101 Ways To Get In Better Shape And Stay That Way
23 total pages.
69. Quality Matters While finding that great bargain on poorly made running or training shoes
may be tempting, it would be far better to put your workout on hold for a
couple of weeks while you save the money needed to purchase a good pair.
That does not mean you have to pay a fortune, but always ensure you are
working out with the proper shoes. Wearing shoes that have a poor design
or poor durability can actually cause injury. 70. Get Ready to Run Before any workout, always warm up. If you are a runner, before you go out
for your actual run, take two to five minutes to jog in place to prepare. You
will find that you have a better run. 71. Increased Protein Many diets of today's society pull you back and forth, one telling you to eat
more protein, and one less. The fact is that if you are not exercising as
much as you used to or if you are exercising heavily, your body could in fact
need more protein than what the RDA recommends.
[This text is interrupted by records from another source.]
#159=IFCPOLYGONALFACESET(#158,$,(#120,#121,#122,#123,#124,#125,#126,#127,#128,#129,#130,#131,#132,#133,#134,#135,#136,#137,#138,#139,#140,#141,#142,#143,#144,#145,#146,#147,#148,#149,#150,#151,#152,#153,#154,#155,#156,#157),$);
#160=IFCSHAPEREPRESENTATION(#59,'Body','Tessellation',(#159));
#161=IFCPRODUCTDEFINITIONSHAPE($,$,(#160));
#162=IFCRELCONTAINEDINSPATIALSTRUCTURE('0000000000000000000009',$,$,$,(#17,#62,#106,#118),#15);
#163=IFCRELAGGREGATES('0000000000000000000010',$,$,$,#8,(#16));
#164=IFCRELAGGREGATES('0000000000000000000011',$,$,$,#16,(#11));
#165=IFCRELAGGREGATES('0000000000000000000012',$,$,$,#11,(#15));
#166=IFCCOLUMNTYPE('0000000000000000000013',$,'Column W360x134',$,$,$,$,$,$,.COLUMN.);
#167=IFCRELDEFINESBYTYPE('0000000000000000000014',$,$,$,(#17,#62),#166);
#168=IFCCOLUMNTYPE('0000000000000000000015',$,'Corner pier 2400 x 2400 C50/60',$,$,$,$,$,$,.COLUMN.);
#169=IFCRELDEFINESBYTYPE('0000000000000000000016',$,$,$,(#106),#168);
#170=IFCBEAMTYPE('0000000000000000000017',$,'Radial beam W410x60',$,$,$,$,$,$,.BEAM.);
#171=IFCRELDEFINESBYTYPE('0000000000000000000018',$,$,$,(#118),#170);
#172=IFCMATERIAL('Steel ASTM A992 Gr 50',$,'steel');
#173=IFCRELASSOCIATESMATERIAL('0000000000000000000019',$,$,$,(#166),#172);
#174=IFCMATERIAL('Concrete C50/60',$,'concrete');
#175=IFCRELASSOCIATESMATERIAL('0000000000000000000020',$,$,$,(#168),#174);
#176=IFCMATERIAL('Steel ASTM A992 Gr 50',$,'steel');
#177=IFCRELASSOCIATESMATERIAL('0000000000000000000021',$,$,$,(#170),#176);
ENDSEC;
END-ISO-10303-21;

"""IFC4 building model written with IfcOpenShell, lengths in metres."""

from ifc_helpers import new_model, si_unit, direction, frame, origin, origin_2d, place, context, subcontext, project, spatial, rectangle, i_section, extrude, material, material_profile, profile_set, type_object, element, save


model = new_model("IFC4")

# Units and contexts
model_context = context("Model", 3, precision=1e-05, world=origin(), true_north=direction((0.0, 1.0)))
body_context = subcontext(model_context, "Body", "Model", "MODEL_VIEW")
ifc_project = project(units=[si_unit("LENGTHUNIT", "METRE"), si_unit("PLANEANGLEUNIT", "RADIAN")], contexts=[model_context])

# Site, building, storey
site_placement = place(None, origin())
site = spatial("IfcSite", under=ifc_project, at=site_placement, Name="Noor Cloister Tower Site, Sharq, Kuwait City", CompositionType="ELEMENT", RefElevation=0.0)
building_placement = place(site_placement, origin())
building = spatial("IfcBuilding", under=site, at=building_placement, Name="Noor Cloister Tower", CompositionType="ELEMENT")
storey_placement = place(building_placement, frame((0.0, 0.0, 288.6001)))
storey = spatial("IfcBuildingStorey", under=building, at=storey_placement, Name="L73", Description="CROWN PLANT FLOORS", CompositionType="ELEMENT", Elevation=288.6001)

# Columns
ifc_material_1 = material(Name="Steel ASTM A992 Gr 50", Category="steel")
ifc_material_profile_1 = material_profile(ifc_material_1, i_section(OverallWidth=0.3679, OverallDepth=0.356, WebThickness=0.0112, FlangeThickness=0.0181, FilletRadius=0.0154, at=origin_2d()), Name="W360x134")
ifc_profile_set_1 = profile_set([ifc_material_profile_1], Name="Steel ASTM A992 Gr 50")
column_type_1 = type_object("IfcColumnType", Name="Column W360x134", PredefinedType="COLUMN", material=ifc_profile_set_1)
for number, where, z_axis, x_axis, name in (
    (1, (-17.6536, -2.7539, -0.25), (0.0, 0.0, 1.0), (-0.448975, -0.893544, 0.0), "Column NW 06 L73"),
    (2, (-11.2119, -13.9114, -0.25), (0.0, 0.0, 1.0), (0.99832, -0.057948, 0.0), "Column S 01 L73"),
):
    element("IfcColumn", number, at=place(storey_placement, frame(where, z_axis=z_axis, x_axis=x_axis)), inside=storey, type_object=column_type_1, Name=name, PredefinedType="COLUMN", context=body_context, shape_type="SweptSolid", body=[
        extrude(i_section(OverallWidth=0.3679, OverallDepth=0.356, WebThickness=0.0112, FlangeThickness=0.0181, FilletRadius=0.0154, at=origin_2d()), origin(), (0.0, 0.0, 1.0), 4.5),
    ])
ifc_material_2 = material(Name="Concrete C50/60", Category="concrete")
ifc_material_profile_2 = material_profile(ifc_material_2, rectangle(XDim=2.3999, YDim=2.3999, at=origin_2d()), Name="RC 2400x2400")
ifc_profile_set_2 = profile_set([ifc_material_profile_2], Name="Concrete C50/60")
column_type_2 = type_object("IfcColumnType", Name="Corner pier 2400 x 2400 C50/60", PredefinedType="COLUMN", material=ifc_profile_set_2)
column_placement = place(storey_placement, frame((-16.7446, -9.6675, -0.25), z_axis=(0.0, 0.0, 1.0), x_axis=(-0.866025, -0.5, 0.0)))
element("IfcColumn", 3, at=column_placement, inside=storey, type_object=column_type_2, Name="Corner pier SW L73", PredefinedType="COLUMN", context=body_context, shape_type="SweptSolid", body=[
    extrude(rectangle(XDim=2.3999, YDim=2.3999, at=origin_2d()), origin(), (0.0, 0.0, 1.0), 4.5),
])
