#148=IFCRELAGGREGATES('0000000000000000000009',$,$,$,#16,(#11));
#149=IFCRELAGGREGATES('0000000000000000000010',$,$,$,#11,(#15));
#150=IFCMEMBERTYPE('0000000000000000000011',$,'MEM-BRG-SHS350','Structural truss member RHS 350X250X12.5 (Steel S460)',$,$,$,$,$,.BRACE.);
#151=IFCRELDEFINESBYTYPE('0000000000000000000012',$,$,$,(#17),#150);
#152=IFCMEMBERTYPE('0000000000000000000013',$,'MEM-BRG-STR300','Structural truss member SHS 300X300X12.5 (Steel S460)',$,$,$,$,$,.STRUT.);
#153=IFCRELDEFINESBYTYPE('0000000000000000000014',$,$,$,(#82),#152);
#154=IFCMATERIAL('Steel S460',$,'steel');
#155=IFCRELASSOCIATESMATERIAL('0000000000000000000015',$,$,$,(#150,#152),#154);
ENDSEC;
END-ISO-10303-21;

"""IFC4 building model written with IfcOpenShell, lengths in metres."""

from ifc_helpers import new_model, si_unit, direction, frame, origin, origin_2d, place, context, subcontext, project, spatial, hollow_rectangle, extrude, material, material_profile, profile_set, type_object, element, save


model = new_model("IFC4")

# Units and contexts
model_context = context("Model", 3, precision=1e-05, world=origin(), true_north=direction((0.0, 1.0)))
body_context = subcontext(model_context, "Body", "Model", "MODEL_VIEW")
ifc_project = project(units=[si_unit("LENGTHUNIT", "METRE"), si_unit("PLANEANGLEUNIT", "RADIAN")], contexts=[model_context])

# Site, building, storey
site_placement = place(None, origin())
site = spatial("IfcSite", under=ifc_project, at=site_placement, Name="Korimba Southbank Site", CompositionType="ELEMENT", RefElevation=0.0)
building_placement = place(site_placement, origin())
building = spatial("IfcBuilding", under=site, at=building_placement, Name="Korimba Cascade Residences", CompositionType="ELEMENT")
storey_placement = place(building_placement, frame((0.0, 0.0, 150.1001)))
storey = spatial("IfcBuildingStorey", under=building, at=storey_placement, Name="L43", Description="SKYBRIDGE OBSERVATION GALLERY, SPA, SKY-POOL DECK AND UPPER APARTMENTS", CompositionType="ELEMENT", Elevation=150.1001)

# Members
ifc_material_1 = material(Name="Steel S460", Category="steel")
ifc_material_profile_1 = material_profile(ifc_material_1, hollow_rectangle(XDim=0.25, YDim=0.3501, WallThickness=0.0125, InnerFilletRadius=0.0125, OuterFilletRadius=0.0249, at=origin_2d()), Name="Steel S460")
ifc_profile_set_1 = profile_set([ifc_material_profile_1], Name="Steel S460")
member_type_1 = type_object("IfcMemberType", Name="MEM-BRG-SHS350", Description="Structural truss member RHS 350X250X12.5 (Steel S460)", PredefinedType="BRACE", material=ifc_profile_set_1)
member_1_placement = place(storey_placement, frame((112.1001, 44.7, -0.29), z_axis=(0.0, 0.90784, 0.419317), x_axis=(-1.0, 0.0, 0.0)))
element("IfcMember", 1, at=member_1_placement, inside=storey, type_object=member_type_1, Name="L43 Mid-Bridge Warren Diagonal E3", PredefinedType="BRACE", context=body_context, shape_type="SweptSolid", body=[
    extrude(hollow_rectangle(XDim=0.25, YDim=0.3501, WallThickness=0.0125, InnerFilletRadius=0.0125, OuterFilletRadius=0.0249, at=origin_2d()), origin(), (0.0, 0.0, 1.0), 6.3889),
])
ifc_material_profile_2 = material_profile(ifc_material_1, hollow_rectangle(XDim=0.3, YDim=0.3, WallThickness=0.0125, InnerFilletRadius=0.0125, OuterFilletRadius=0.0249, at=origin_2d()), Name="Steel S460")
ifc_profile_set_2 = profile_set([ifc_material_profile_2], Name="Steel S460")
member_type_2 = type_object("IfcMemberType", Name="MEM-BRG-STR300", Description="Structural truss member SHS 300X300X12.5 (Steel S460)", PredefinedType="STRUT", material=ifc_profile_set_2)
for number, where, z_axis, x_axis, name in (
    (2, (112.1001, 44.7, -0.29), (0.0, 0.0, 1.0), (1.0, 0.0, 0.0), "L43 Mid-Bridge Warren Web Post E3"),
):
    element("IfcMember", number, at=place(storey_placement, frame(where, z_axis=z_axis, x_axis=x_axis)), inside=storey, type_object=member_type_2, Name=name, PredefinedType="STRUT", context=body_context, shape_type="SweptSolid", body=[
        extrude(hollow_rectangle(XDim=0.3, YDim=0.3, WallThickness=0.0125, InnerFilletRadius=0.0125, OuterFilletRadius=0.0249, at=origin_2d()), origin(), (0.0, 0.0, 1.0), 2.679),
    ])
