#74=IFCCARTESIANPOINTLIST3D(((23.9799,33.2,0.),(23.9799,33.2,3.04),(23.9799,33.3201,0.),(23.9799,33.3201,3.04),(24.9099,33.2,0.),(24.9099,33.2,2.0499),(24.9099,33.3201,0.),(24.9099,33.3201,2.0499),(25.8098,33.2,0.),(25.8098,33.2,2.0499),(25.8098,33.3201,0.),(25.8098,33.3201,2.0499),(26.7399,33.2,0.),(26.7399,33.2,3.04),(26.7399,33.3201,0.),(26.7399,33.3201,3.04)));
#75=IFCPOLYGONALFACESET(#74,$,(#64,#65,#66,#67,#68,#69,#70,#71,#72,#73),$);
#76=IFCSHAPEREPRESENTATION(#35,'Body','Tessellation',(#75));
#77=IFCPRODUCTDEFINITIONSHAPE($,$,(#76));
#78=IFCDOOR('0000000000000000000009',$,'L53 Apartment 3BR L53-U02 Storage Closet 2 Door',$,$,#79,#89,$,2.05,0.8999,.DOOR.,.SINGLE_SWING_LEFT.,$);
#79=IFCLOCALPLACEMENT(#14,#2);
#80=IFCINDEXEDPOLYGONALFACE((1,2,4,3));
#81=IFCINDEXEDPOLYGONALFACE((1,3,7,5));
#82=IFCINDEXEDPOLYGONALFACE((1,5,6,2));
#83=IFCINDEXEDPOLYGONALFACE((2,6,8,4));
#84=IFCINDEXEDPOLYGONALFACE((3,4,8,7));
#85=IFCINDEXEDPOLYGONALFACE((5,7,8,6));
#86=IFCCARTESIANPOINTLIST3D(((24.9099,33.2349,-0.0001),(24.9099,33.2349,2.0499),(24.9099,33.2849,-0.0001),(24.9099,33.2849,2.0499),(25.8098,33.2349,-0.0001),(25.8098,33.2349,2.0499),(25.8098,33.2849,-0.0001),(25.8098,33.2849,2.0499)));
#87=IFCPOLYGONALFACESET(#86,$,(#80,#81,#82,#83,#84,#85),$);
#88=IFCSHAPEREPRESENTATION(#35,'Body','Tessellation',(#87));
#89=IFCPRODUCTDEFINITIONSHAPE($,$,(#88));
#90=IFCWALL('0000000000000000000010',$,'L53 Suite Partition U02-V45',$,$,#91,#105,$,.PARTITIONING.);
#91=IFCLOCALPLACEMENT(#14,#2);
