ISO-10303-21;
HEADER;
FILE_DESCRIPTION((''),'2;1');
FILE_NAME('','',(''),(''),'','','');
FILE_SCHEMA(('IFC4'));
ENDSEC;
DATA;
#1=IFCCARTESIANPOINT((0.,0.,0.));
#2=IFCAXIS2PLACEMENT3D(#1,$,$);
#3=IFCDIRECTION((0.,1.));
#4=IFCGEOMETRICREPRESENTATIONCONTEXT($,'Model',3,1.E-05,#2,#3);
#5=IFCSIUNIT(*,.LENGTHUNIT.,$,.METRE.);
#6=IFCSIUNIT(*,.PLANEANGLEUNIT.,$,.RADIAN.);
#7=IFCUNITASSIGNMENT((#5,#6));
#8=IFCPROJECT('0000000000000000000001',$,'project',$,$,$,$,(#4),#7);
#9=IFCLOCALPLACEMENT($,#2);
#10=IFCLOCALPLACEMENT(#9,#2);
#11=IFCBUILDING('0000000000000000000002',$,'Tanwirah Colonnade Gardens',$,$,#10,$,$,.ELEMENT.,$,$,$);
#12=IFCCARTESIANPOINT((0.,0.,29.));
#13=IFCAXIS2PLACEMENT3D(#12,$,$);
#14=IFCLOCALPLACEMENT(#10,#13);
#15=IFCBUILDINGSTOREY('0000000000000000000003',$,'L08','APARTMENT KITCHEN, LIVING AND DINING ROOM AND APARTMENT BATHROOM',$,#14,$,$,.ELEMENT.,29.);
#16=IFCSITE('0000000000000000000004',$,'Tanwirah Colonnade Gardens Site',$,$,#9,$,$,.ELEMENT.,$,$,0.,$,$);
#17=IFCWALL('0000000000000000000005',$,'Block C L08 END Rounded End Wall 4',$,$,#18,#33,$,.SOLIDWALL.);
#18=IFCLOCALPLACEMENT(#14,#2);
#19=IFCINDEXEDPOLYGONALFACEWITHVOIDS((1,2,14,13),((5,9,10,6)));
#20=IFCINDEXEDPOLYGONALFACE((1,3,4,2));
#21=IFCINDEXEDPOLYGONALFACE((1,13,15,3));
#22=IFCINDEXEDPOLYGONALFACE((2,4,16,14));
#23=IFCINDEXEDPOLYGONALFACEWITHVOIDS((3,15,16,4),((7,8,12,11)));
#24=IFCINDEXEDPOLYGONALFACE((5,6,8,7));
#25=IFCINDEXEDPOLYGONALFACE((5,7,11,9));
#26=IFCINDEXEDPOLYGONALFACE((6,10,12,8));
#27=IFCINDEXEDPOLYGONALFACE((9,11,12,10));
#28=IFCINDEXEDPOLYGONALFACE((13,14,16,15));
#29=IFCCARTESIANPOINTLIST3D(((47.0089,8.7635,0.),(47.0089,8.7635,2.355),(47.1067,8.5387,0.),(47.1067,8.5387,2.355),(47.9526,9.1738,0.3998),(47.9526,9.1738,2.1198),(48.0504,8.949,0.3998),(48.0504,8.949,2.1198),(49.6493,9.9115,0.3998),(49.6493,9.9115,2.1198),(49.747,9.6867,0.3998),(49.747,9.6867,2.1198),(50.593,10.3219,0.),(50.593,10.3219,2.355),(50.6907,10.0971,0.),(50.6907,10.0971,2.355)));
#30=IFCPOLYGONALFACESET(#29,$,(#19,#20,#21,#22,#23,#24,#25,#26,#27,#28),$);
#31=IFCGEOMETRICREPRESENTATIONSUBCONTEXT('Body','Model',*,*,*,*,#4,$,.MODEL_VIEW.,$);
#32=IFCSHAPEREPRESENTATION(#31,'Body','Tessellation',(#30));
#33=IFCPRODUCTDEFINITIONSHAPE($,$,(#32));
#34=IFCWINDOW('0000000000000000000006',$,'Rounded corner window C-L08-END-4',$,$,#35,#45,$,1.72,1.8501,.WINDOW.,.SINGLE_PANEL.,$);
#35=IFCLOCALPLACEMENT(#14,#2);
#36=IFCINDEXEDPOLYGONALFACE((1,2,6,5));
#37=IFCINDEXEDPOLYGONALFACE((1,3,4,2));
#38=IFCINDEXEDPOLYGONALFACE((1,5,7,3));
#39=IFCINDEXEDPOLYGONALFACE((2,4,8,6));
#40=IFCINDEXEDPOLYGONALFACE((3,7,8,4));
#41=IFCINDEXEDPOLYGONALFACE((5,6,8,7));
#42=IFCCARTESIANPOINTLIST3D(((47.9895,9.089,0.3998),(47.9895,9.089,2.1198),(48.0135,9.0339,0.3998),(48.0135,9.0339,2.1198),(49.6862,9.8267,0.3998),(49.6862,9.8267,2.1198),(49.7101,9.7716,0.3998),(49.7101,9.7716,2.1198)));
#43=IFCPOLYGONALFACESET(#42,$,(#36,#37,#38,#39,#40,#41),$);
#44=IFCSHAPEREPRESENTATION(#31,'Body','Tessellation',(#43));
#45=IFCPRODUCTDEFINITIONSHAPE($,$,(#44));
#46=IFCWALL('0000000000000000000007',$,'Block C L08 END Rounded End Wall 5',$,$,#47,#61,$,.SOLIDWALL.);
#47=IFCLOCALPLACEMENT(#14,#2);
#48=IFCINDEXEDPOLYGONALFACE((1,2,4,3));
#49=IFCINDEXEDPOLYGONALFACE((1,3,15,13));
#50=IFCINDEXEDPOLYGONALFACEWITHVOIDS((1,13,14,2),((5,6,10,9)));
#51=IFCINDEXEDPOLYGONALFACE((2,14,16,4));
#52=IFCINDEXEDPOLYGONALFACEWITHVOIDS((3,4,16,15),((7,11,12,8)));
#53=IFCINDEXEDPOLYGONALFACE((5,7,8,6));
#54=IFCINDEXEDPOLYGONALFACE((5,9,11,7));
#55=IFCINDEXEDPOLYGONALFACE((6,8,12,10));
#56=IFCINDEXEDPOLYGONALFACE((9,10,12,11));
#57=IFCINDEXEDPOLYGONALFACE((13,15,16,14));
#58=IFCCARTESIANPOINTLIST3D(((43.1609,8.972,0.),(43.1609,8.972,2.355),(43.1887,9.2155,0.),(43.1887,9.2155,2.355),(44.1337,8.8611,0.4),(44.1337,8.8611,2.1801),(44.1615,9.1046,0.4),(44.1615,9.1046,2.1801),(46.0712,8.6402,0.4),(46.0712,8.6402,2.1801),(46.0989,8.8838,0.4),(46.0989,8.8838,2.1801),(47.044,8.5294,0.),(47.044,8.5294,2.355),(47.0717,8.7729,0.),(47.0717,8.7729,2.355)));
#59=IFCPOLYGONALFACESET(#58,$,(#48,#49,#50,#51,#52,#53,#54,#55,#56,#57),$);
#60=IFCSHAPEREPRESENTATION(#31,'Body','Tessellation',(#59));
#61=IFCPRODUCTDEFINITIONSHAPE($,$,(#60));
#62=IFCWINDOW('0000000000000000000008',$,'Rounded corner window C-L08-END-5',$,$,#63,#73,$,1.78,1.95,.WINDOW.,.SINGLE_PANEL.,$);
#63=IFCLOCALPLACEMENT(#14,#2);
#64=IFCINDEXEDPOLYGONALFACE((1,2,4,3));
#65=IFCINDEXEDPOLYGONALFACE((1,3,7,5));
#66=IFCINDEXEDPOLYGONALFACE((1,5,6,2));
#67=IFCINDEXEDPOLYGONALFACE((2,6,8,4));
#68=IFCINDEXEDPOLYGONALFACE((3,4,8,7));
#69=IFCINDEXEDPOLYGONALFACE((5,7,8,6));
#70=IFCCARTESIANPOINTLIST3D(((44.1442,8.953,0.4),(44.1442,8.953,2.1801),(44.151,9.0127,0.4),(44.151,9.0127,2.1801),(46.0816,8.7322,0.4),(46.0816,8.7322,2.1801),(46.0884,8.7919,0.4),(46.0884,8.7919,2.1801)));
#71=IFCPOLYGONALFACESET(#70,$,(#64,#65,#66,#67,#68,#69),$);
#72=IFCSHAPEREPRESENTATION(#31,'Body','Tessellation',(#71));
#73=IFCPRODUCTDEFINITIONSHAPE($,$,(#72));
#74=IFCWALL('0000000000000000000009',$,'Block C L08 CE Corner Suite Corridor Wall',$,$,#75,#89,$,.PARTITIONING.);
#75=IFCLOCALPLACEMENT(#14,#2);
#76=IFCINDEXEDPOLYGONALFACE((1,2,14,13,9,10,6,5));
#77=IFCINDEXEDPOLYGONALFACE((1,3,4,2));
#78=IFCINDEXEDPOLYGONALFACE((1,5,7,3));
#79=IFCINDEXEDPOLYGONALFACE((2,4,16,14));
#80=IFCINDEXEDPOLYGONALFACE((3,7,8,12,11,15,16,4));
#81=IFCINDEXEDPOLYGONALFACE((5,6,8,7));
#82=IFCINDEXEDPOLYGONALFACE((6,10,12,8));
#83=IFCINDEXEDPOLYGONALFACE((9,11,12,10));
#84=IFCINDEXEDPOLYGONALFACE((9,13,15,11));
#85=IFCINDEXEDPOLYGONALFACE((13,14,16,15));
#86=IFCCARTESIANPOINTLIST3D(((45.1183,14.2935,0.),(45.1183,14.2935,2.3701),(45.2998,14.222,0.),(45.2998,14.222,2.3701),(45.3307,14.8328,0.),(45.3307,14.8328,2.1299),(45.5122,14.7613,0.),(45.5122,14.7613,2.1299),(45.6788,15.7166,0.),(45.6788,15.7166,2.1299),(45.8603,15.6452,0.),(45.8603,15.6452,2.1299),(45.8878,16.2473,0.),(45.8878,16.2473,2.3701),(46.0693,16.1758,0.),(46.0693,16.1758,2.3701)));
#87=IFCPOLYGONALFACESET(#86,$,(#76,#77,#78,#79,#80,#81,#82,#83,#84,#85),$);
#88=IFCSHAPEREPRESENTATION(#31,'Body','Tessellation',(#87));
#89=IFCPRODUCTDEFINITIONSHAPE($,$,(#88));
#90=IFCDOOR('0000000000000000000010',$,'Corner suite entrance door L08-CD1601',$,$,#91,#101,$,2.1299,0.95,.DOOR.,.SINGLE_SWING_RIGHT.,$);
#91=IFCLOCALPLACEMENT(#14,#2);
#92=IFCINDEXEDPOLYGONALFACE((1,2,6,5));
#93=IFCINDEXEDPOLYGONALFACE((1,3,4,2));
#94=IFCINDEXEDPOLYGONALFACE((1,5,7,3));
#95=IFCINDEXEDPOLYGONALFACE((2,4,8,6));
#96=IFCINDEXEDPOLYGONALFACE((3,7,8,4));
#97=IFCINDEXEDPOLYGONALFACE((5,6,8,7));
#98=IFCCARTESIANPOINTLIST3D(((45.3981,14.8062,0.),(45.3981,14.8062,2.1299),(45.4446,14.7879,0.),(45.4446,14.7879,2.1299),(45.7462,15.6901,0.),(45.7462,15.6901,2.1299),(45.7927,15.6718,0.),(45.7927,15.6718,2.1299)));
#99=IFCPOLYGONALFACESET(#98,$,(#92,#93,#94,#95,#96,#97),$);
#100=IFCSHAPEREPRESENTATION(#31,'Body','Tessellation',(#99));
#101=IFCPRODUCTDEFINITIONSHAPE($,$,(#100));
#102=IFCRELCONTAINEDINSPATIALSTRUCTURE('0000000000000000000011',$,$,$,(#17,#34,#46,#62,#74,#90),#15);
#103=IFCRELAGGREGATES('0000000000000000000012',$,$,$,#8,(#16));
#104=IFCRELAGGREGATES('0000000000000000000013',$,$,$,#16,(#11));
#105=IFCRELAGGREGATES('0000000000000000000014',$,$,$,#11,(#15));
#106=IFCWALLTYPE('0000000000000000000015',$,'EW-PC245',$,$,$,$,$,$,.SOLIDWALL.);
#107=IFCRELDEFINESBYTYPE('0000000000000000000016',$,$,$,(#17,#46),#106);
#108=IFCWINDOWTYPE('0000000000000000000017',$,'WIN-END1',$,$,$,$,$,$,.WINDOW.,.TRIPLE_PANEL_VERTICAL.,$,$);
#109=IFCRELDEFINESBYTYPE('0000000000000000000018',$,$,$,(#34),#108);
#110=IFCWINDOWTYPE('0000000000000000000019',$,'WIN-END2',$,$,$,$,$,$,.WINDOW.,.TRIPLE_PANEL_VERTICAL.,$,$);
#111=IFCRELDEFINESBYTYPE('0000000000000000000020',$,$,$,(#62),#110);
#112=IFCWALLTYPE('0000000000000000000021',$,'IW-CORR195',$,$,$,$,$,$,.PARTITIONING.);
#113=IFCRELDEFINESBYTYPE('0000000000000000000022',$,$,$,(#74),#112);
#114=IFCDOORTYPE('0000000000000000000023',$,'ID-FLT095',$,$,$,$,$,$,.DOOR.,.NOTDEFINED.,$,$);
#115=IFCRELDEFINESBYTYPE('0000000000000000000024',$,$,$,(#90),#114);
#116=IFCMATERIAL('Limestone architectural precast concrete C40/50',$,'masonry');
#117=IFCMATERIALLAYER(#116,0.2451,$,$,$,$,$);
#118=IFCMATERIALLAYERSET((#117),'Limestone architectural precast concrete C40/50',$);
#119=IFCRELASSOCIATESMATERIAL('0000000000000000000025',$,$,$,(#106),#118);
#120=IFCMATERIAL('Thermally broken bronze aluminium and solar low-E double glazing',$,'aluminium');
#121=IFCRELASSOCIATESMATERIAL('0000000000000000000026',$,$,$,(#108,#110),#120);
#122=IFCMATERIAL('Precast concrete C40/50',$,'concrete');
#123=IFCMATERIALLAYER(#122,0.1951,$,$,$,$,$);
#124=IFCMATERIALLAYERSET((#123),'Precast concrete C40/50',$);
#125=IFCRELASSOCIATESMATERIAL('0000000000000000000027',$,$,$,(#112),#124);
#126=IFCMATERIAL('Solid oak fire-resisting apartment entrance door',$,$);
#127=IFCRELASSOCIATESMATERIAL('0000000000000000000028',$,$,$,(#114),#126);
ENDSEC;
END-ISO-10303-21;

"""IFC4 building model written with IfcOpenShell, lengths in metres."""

from ifc_helpers import new_model, si_unit, direction, frame, frame_2d, origin, place, context, subcontext, project, spatial, rectangle, extrude, material, layer, layer_set, type_object, element, fill, save


model = new_model("IFC4")

# Units and contexts
model_context = context("Model", 3, precision=1e-05, world=origin(), true_north=direction((0.0, 1.0)))
body_context = subcontext(model_context, "Body", "Model", "MODEL_VIEW")
ifc_project = project(units=[si_unit("LENGTHUNIT", "METRE"), si_unit("PLANEANGLEUNIT", "RADIAN")], contexts=[model_context])

# Site, building, storey
site_placement = place(None, origin())
site = spatial("IfcSite", under=ifc_project, at=site_placement, Name="Tanwirah Colonnade Gardens Site", CompositionType="ELEMENT", RefElevation=0.0)
building_placement = place(site_placement, origin())
building = spatial("IfcBuilding", under=site, at=building_placement, Name="Tanwirah Colonnade Gardens", CompositionType="ELEMENT")
storey_placement = place(building_placement, frame((0.0, 0.0, 29.0)))
storey = spatial("IfcBuildingStorey", under=building, at=storey_placement, Name="L08", Description="APARTMENT KITCHEN, LIVING AND DINING ROOM AND APARTMENT BATHROOM", CompositionType="ELEMENT", Elevation=29.0)

# Shared definitions
ifc_material_1 = material(Name="Precast concrete C40/50", Category="concrete")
The good balance for
either scenario is 50% to 60% carbohydrates, 20% to 25% protein and 20%
or less of fat. If you stick with this equation, you will benefit. 72. Asthma and Exercise If you have asthma and love to exercise, it is important to keep your inhaler
with you. However, if for some reason you forget, remember that caffeine
can provide temporary relieve of bronchial constriction. If you do not have
asthma but after years of running, you develop breathing problems, you
could be suffering from "Exercise Induced Asthma", which should be
mentioned to your physician. 73. Resistance The next time you work out try adding some resistance to your routine. You
can use special rubber bands or other devices designed specifically as a
way to help you with isometrics, thus get better results. 74. Taking a Break If you are actively involved in a workout regimen but you are getting ready to
go on vacation for two weeks or have an extra heavy workload for your job
over the next couple of weeks, instead of just stopping your routine
completely during that time, just cut back. Even reducing your workout by
50% will give you the break you need but also make it much easier to get
back to full speed than if you just stopped altogether.